Hi, just a few pics really of my latest build (rebuild really )

External link to HQ pics (58mb):
http://www.jjarman.aquiss.com/PC Pics/highqualitypics.rar

External link to normal quality pics (8mb)
http://www.jjarman.aquiss.com/PC Pics/normal quality.rar

*List of components:*

CPU - Intel Q6600 
Motherboard - Asus Maximus Formula, Special Edition
RAM - Crucial Ballistix 8500
Graphics card - Asus 8800GTX
Sound card - Creative X-FI, Xtreme Music
PSU - OCZ 850w
Hard disk rack - Icy Dock 3bay, 5 disk (SATA), filled with 5x500GB samsung disks.

*Cooling*

Most of the tube is 3/8" (1/2" is too bulky) but some is 1/2" too.  Tube used is mainly DD clearflex for 3/8" and a piece of Tygon R-3603 between top rad and NB.  Old system was done entirely in tygon R-3603 and must say i wasnt very impressed with it.  Very expensive and imo the DD clearflex is far superior.

Blocks:

CPU - stock DTEK fuzion
NB - Swiftech MCW-30
SB - EK SB block
GPU - EK F/C 8800GTX block.
MOSFETS - Thermalright HR-09 air blocks (a nightmare to fit lol)

Pumps are dual 18w DDCs (3.2 version) on a Hardwareluxx Laing DDC Dual attachement block (very quiet and impressive).

Top radiator is a Black ice gts stealth 360.  Quite restrictive but i still like it alot.  Atop of this is a beautiful stainless steel radiator guard from Aqua Computer.

Bottom Rad is a Termochill PA120.2 with shroud (more like it eh?? ).  Fans are much quieter on this rad (when turned up) and the airflow through it is fantastic.

The fans on both rads are red evercool fans.  Originally i had YL  D12SL-12 fans on them.  Was not very impressed with them though.  Quiet, but airflow was pittiful.

Anyway...some pics 

Picture of the Motherboard as it arrived:







Some pics of the Mobo after id finished with it   I used Arctic cooling MX-2 for thermal compound 











on of my favs (notice the 1/2" and 3/8" barbs on the NB) :






This is the reason for the 1/2" barb.  On the top rad i have installed a small angled tube in the outlet barb of the radiator.  This tube makes sure the liquid  going to the rest of the system is from the top of the radiator.  This is important because it makes sure there can be no air in the radiator (as the rad is at the top of the system, this is where most air would collect, reducing the rads performance).  And here's a pic of it 






Here's a pic of the top radiator with fans on (all sleeved )






To make the holes for the rad in the case i drew a template in autocad and carefully cut the holes using my trusty 18v dewalt grinder and dewalt drill (im a serious dewalt man ).  Here's the end result (there was no hardware in the case when i originally did this ):






Here's how it looks with the aquacomputer grill on:






The bottom thermochill PA 120.2 is done in pretty much the same way:











Here's some pics of the pumps (can post pics of the dramas assemblind the block if anyone wants!), all cables sleeved again:
















Must say that im extremely impressed with the performance of the pumps.  Even with so many blocks in 1 loop i need to have the 250ml reservoir completely free of air, or they will suck it round the system.  Have mounted UV LED's on the back of the pump.  Used to have alot of lights in the case (about 30 under the motherboard).  Looked fantastic..but i got frustrated one day (in haste), blamed them for a problem i was having and ripped them all out .

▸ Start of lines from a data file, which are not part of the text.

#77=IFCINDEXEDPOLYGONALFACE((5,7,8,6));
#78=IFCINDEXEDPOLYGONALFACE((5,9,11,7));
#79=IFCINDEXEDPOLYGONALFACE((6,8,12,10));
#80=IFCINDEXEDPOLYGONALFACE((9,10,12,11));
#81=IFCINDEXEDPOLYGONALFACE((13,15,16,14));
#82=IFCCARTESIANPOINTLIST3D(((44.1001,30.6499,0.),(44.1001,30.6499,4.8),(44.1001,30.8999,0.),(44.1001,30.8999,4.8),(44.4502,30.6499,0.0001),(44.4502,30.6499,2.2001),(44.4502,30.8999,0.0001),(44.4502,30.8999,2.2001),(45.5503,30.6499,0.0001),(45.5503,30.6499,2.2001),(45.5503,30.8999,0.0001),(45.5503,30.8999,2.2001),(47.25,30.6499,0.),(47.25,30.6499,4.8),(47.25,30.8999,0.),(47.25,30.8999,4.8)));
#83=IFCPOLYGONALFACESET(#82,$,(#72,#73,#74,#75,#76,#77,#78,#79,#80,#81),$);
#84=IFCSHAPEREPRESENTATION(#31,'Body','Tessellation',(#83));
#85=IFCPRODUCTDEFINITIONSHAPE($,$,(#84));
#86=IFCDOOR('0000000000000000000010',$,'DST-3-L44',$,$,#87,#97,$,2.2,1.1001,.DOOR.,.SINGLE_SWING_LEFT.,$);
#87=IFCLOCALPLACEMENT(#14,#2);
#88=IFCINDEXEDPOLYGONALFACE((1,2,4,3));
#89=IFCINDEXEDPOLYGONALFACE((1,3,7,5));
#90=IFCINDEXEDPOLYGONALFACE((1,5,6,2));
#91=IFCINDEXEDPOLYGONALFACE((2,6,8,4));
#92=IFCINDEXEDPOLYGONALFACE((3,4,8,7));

Havent uploaded pics of the 8800gtx with waterblock on, uve all seen them before  although i can if anyone wants.

Here's a pic of the hard disks in their rails, ready to go into the icy dock sata bay (un-used PA.160 in the background ):






I lapped my Q6600 to get the best temps possible..wasnt bothered about getting a shine, as long as its flat is all that really matters.  Included a couple of pics so you can get an idea of the original shape of the heatspreader:
















I used engineers blue to check the contact with the heatspreader on the DTEK Fuzion.  The areas where the heatspreader of the Q6600 is blue indicates better than 1 micron of contact with the Fuzion:
















A quick pic of the ram (cooled by one of those OCZ thingies ):






Pics of the loop in various stages of tubing:


























End result of tubing:






The loop runs :

Res > Pumps > 8800GTX > Q6600 > Black ice 360 (exhausts out top of case) > Northbridge > Southbridge > PA120.2 (exhausts into case, very little heat) > res 

Some people wont like that layout...but it works extremely well.

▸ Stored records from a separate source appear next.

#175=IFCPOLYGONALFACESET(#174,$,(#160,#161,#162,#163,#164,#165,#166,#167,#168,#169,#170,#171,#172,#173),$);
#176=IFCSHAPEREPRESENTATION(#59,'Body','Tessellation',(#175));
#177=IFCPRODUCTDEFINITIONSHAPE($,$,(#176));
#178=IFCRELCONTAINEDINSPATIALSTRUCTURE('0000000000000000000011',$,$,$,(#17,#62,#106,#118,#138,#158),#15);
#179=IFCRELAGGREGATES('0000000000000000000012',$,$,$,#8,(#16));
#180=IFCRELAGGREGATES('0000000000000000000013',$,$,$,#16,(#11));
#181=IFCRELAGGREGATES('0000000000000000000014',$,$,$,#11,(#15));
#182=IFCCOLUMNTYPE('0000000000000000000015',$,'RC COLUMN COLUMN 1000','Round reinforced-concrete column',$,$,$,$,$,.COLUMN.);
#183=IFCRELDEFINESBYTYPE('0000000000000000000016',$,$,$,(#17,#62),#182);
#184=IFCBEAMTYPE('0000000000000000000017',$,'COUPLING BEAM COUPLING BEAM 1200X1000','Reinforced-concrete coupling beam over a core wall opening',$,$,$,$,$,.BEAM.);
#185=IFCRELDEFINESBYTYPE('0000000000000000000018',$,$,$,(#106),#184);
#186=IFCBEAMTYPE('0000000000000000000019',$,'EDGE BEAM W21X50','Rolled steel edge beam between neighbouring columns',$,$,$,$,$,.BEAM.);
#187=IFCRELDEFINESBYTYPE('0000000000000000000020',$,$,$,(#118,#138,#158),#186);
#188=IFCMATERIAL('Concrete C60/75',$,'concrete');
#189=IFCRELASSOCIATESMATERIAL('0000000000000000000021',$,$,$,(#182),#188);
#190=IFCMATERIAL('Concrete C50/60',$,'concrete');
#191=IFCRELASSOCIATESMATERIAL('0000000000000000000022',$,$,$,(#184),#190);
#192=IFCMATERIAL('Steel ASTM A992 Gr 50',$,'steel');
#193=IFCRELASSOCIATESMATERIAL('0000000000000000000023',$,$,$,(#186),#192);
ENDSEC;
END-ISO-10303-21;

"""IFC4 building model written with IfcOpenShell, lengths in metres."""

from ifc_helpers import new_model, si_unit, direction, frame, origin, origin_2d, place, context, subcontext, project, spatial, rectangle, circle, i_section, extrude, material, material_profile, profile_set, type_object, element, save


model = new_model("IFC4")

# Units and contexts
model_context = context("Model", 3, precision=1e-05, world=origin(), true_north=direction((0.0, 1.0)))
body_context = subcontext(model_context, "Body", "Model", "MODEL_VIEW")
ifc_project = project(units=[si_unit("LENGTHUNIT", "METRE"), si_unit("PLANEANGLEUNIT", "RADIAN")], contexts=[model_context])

Here's a pic of the very nifty Zalman Fan controller (an absolute god send!!):






Getting wires to this neatly was a bit of a nightmare.  As you can see from some pics, i have cut holes in the case (and used grommet strip to cover edges) to neaten the wiring as much as possible.

Here are some pics of the (almost) finished product:





















I will get some pics of the machine at night (and with all sides on!!) during the coming days, as these final pics dont really do the case justice!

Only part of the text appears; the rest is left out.